ところが少々問題点が発覚。ワイヤレスマウスは電池で動く。このマウスは単三電池2本で動いているのだが、あっという間に電池切れする。どうやらマウスの使用頻度によるみたいで、私のように毎日1日中使っていると、アルカリ電池でも1ヵ月と持たない。うーむ。。。

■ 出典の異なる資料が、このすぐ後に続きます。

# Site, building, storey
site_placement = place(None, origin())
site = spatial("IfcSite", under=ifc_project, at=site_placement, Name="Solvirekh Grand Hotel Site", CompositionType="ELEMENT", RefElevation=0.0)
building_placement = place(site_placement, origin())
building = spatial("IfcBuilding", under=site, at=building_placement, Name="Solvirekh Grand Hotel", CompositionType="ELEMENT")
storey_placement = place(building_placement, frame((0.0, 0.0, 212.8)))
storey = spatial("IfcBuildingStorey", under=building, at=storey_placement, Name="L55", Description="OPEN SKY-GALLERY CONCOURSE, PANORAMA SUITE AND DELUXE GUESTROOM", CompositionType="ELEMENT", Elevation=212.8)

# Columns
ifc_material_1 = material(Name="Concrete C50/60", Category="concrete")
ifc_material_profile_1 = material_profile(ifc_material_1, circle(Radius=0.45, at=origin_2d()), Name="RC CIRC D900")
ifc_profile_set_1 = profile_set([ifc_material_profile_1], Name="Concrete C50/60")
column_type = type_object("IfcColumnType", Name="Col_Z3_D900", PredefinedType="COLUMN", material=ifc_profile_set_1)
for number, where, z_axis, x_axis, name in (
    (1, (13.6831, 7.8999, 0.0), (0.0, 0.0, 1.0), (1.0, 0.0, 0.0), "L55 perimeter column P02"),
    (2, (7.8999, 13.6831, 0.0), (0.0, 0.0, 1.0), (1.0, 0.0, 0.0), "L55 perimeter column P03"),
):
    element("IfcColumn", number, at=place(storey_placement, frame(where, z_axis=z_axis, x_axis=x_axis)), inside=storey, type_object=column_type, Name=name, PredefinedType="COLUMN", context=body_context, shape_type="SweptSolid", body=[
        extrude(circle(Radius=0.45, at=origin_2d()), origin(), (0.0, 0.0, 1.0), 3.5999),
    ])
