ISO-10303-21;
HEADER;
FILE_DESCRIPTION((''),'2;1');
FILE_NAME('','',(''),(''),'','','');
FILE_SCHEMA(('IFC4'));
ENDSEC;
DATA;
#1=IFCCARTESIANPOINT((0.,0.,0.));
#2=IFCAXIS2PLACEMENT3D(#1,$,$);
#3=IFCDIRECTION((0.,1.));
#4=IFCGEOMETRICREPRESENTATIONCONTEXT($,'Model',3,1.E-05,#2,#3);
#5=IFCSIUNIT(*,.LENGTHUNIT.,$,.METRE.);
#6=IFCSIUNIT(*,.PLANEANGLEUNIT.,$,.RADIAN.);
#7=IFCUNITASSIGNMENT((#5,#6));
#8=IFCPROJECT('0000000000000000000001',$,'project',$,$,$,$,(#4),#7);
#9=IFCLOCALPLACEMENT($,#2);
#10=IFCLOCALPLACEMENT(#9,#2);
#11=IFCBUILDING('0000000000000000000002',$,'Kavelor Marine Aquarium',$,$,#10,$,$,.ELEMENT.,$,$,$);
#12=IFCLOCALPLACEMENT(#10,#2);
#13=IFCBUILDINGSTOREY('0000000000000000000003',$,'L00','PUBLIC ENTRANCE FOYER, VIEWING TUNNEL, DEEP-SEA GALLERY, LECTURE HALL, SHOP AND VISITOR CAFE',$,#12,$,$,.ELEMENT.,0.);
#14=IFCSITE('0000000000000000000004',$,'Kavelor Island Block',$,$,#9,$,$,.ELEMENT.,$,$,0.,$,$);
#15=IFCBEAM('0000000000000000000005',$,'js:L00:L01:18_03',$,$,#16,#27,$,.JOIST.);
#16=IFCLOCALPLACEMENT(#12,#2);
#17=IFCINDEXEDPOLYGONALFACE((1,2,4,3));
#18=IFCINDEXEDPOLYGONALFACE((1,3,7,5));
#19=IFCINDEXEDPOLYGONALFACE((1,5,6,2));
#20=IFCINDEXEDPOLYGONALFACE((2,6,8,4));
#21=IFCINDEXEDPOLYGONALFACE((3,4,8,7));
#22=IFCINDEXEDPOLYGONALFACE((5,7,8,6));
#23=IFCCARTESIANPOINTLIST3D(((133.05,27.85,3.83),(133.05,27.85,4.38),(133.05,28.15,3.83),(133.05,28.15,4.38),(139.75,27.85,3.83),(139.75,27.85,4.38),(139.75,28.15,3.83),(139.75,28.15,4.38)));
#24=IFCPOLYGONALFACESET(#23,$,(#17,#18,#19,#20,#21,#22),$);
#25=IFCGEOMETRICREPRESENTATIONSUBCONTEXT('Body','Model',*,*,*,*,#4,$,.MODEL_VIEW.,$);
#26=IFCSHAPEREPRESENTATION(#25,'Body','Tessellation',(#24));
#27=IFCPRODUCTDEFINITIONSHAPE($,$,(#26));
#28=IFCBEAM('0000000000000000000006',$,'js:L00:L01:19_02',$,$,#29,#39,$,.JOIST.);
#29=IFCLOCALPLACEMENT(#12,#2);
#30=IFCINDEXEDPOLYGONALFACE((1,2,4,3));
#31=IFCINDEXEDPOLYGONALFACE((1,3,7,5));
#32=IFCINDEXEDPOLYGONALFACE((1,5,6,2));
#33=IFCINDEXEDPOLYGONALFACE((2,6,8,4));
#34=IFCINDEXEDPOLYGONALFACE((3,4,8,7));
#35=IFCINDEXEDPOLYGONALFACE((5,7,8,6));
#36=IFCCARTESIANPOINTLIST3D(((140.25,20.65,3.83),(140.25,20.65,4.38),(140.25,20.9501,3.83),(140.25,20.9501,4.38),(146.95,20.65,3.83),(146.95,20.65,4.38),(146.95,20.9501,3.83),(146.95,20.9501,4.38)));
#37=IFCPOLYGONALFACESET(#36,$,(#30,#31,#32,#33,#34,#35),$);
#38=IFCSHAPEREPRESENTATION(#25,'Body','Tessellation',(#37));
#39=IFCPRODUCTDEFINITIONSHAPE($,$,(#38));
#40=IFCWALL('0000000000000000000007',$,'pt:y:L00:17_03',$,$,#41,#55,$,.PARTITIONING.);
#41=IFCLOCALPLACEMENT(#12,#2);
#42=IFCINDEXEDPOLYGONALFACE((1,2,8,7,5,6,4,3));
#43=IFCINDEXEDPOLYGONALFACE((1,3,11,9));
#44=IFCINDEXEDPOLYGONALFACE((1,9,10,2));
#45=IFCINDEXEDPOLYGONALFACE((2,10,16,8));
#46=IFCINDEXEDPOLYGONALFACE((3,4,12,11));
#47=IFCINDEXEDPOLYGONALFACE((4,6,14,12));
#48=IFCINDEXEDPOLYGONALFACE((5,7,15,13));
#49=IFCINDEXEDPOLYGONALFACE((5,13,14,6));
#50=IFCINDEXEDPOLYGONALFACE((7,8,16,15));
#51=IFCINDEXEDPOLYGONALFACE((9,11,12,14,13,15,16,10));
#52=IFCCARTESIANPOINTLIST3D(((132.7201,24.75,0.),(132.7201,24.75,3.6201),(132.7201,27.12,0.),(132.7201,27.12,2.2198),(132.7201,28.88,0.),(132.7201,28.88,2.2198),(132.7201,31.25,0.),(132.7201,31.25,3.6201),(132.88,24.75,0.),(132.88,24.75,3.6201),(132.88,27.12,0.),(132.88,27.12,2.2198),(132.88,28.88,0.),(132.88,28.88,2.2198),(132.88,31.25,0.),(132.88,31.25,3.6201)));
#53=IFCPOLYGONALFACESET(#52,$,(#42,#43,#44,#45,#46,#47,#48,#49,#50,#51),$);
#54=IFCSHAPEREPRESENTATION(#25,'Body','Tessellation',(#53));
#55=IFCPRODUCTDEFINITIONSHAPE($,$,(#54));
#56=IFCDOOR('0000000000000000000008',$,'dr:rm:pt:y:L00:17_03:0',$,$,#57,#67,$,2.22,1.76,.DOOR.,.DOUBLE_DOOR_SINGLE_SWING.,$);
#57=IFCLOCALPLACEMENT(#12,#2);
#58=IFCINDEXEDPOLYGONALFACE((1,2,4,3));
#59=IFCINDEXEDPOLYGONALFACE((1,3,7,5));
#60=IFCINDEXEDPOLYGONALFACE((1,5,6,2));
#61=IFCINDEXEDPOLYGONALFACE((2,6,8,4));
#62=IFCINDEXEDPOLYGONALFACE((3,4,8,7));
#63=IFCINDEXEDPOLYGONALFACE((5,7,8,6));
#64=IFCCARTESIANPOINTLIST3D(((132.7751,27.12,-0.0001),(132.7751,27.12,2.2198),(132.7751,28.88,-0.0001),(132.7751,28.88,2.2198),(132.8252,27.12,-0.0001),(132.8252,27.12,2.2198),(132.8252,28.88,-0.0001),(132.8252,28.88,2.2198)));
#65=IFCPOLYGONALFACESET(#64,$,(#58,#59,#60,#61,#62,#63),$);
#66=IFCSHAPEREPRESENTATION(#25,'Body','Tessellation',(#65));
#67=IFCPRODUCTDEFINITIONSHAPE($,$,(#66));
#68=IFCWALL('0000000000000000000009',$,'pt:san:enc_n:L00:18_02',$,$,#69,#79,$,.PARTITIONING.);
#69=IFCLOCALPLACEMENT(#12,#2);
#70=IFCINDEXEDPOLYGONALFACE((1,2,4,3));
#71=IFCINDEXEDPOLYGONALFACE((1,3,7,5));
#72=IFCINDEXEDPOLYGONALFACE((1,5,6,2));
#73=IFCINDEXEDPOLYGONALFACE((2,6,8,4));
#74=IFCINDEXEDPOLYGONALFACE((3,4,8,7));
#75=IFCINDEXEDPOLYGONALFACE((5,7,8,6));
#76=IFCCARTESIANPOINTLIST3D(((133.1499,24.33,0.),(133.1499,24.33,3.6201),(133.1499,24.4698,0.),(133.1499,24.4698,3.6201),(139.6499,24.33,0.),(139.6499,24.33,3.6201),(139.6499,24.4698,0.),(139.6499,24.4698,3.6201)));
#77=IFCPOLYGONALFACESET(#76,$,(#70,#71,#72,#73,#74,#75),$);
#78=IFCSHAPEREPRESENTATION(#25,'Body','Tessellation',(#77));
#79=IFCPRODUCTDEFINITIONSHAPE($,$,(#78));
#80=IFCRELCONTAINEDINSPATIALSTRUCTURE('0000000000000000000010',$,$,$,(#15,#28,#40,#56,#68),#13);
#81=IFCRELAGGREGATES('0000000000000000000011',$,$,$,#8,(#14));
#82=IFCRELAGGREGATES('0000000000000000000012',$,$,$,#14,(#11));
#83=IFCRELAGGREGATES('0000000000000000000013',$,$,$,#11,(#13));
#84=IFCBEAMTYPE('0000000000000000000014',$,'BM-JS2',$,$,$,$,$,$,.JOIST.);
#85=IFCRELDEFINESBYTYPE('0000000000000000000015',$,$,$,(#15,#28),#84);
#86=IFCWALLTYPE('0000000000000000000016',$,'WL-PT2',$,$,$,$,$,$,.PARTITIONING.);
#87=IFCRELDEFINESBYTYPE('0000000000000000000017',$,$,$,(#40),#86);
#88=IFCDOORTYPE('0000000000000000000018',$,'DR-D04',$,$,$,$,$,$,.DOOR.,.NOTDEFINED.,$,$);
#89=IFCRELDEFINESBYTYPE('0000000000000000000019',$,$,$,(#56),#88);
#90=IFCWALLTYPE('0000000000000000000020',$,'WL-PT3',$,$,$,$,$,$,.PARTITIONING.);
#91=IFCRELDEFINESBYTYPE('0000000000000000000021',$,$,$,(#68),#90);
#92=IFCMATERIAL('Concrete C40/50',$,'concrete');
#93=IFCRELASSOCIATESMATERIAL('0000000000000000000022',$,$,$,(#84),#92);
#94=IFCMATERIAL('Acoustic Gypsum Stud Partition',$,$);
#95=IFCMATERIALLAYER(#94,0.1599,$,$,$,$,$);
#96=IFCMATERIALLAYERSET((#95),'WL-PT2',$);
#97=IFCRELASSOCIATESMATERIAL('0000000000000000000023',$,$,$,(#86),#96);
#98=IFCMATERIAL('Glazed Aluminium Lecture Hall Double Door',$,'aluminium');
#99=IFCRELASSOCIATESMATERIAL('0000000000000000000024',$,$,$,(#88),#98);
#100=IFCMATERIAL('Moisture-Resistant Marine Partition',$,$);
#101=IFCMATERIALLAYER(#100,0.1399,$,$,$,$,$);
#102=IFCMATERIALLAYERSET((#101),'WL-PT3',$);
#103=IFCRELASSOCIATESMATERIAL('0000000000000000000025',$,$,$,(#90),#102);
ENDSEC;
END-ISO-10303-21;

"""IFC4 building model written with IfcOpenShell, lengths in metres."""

from ifc_helpers import new_model, si_unit, direction, frame, frame_2d, origin, origin_2d, place, context, subcontext, project, spatial, rectangle, extrude, material, layer, layer_set, material_profile, profile_set, type_object, element, fill, save


model = new_model("IFC4")

# Units and contexts
model_context = context("Model", 3, precision=1e-05, world=origin(), true_north=direction((0.0, 1.0)))
body_context = subcontext(model_context, "Body", "Model", "MODEL_VIEW")
ifc_project = project(units=[si_unit("LENGTHUNIT", "METRE"), si_unit("PLANEANGLEUNIT", "RADIAN")], contexts=[model_context])

# Site, building, storey
site_placement = place(None, origin())
site = spatial("IfcSite", under=ifc_project, at=site_placement, Name="Kavelor Island Block", CompositionType="ELEMENT", RefElevation=0.0)
building_placement = place(site_placement, origin())
building = spatial("IfcBuilding", under=site, at=building_placement, Name="Kavelor Marine Aquarium", CompositionType="ELEMENT")
storey_placement = place(building_placement, origin())
storey = spatial("IfcBuildingStorey", under=building, at=storey_placement, Name="L00", Description="PUBLIC ENTRANCE FOYER, VIEWING TUNNEL, DEEP-SEA GALLERY, LECTURE HALL, SHOP AND VISITOR CAFE", CompositionType="ELEMENT", Elevation=0.0)

# Beams
ifc_material_1 = material(Name="Concrete C40/50", Category="concrete")
ifc_material_profile_1 = material_profile(ifc_material_1, rectangle(XDim=0.3, YDim=0.55, at=origin_2d()), Name="RC-JS 300x550")
ifc_profile_set_1 = profile_set([ifc_material_profile_1], Name="Concrete C40/50")
beam_type_1 = type_object("IfcBeamType", Name="BM-JS2", PredefinedType="JOIST", material=ifc_profile_set_1)
for number, where, z_axis, x_axis, name in (
    (1, (133.05, 28.0, 4.105), (1.0, 0.0, 0.0), (0.0, 1.0, 0.0), "js:L00:L01:18_03"),
    (2, (140.25, 20.8, 4.105), (1.0, 0.0, 0.0), (0.0, 1.0, 0.0), "js:L00:L01:19_02"),
):
    element("IfcBeam", number, at=place(storey_placement, frame(where, z_axis=z_axis, x_axis=x_axis)), inside=storey, type_object=beam_type_1, Name=name, PredefinedType="JOIST", context=body_context, shape_type="SweptSolid", body=[
        extrude(rectangle(XDim=0.3, YDim=0.55, at=origin_2d()), origin(), (0.0, 0.0, 1.0), 6.7),
    ])

# Wall, opening, door
ifc_material_2 = material(Name="Acoustic Gypsum Stud Partition")
ifc_layer_1 = layer(ifc_material_2, 0.1599)
ifc_layer_set_1 = layer_set([ifc_layer_1], Name="WL-PT2")
wall_type_1 = type_object("IfcWallType", Name="WL-PT2", PredefinedType="PARTITIONING", material=ifc_layer_set_1)
wall_1_placement = place(storey_placement, frame((132.8, 24.75, 0.0), z_axis=(0.0, 0.0, 1.0), x_axis=(0.0, 1.0, 0.0)))
wall_1 = element("IfcWall", 3, at=wall_1_placement, inside=storey, type_object=wall_type_1, Name="pt:y:L00:17_03", PredefinedType="PARTITIONING", context=body_context, shape_type="SweptSolid", body=[
    extrude(rectangle(XDim=6.5, YDim=0.1599, at=frame_2d((3.25, 0.0))), origin(), (0.0, 0.0, 1.0), 3.6201),
])
opening_placement = place(wall_1_placement, frame((2.3701, 0.0, 0.0)))
opening = element("IfcOpeningElement", 4, at=opening_placement, cuts=wall_1, PredefinedType="OPENING", context=body_context, shape_type="SweptSolid", body=[
    extrude(rectangle(XDim=1.76, YDim=2.22, at=frame_2d((0.8799, 1.1099))), frame((0.0, 0.0898, 0.0), z_axis=(0.0, -1.0, 0.0), x_axis=(1.0, 0.0, 0.0)), (0.0, 0.0, 1.0), 0.1799),
])
ifc_material_3 = material(Name="Glazed Aluminium Lecture Hall Double Door", Category="aluminium")
door_type = type_object("IfcDoorType", Name="DR-D04", OperationType="NOTDEFINED", PredefinedType="DOOR", material=ifc_material_3)
door_placement = place(opening_placement, origin())
door = element("IfcDoor", 5, at=door_placement, inside=storey, type_object=door_type, Name="dr:rm:pt:y:L00:17_03:0", OperationType="DOUBLE_DOOR_SINGLE_SWING", OverallHeight=2.22, OverallWidth=1.76, PredefinedType="DOOR", context=body_context, shape_type="SweptSolid", body=[
    extrude(rectangle(XDim=1.76, YDim=2.22, at=frame_2d((0.8799, 1.1099))), frame((0.0, 0.0249, 0.0), z_axis=(0.0, -1.0, 0.0), x_axis=(1.0, 0.0, 0.0)), (0.0, 0.0, 1.0), 0.05),
])
fill(opening, door)

# Wall
ifc_material_4 = material(Name="Moisture-Resistant Marine Partition")
ifc_layer_2 = layer(ifc_material_4, 0.1399)
ifc_layer_set_2 = layer_set([ifc_layer_2], Name="WL-PT3")
wall_type_2 = type_object("IfcWallType", Name="WL-PT3", PredefinedType="PARTITIONING", material=ifc_layer_set_2)
wall_2_placement = place(storey_placement, frame((133.1499, 24.3999, 0.0), z_axis=(0.0, 0.0, 1.0), x_axis=(1.0, 0.0, 0.0)))
element("IfcWall", 6, at=wall_2_placement, inside=storey, type_object=wall_type_2, Name="pt:san:enc_n:L00:18_02", PredefinedType="PARTITIONING", context=body_context, shape_type="SweptSolid", body=[
    extrude(rectangle(XDim=6.5, YDim=0.1399, at=frame_2d((3.25, 0.0))), origin(), (0.0, 0.0, 1.0), 3.6201),
])

save(model, "model.ifc")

 アナログ時代は鉛筆やグラフィックペン、三角定規がメインの道具だった。その頃もやはり道具には、ある程度こだわっていた。例えば鉛筆として使っていた芯ホルダー。ロットリング社の物は私には太すぎて握り心地が悪く、三菱の物を好んで使っていた。
ラフ用に使っていた極細のサインペンは「FINEPOINT SYSTEM」という製品が一番手になじんだ。今はどちらも生産中止でもう手に入らない。芯ホルダーは手元に残っている最後の1本を無くさないように気を付けて使っている(現在売られている三菱の芯ホルダーはロットリング社のもの並に太くなってしまった)。
サインペンは数年前、偶然近所の小さな文房具屋で在庫処分として売っているのを発見して、歓喜しながら在庫全てまとめ買いした。
「このペン、ずっと探してたんですよ。とっくに生産中止でしょう? メーカーさん、似たような物を出してるようですけど、やっぱり微妙に違うんですよね。良かった、もう2度と手に入らないだろなって諦めてたから、これ見つけてビックリしましたよ。」と言うと、文房具屋のおばちゃんは
「そうですか。倉庫整理していたらたまたま出てきて、今日ここに並べたんですよ(笑)。文具って、そういう固定ファンの方が結構いて、在庫処分するとそんな風に喜ぶお客さんもいらっしゃるんですよ。メーカーさんも生産中止しないで作り続けてくれればいいんですけどね。」
ついでに三菱の細身の芯ホルダーは無いか聞いてみたが、やはりそれは無かった。ペンはやはり消耗品なので、あの時まとめ買いした物も、もうじき底をつく。まぁ、今は手書きのラフをほとんど書くことが無くなったので、もし最後の1本が使えなくなったら、今度こそきれいに諦められると思う。

 プロだからこそ道具にこだわるのか、道具を選ばず良い物を作るのがプロなのか、それは何とも言えないが、弘法様のような達人でない私は、手になじんだ使いやすい道具で物作りを続けたい。なのでメーカーさんの事情も解るけど、そう簡単に生産中止しないで欲しい。
そして現在の私にとって、FINEPOINT SYSTEMのペンに取って代わったのがマウスやキーボードだ。文具に比べてパソコン関係の道具達は、その回転が速すぎるのではないだろうか? 道具が手になじむのには、ある程度の時間が必要で、やっとなじんだ頃に生産中止ではちょっと困る。実際、自宅でも事務所でも、まだ604e時代のマシンは現役で働いており、これらのマウスが壊れたときはどうしようか悩ましい。

 もっとも、じゃ手になじんだ道具を使い続けられれば、いつかは弘法のように素晴らしい物が作れるようになるのか、と突っ込まれると、それは……。でも筆を選ばない弘法ですら「弘法も筆の誤り」があるわけだから、私程度が誤りだらけでも、それはそれで仕方がないとか言ってみたりして…。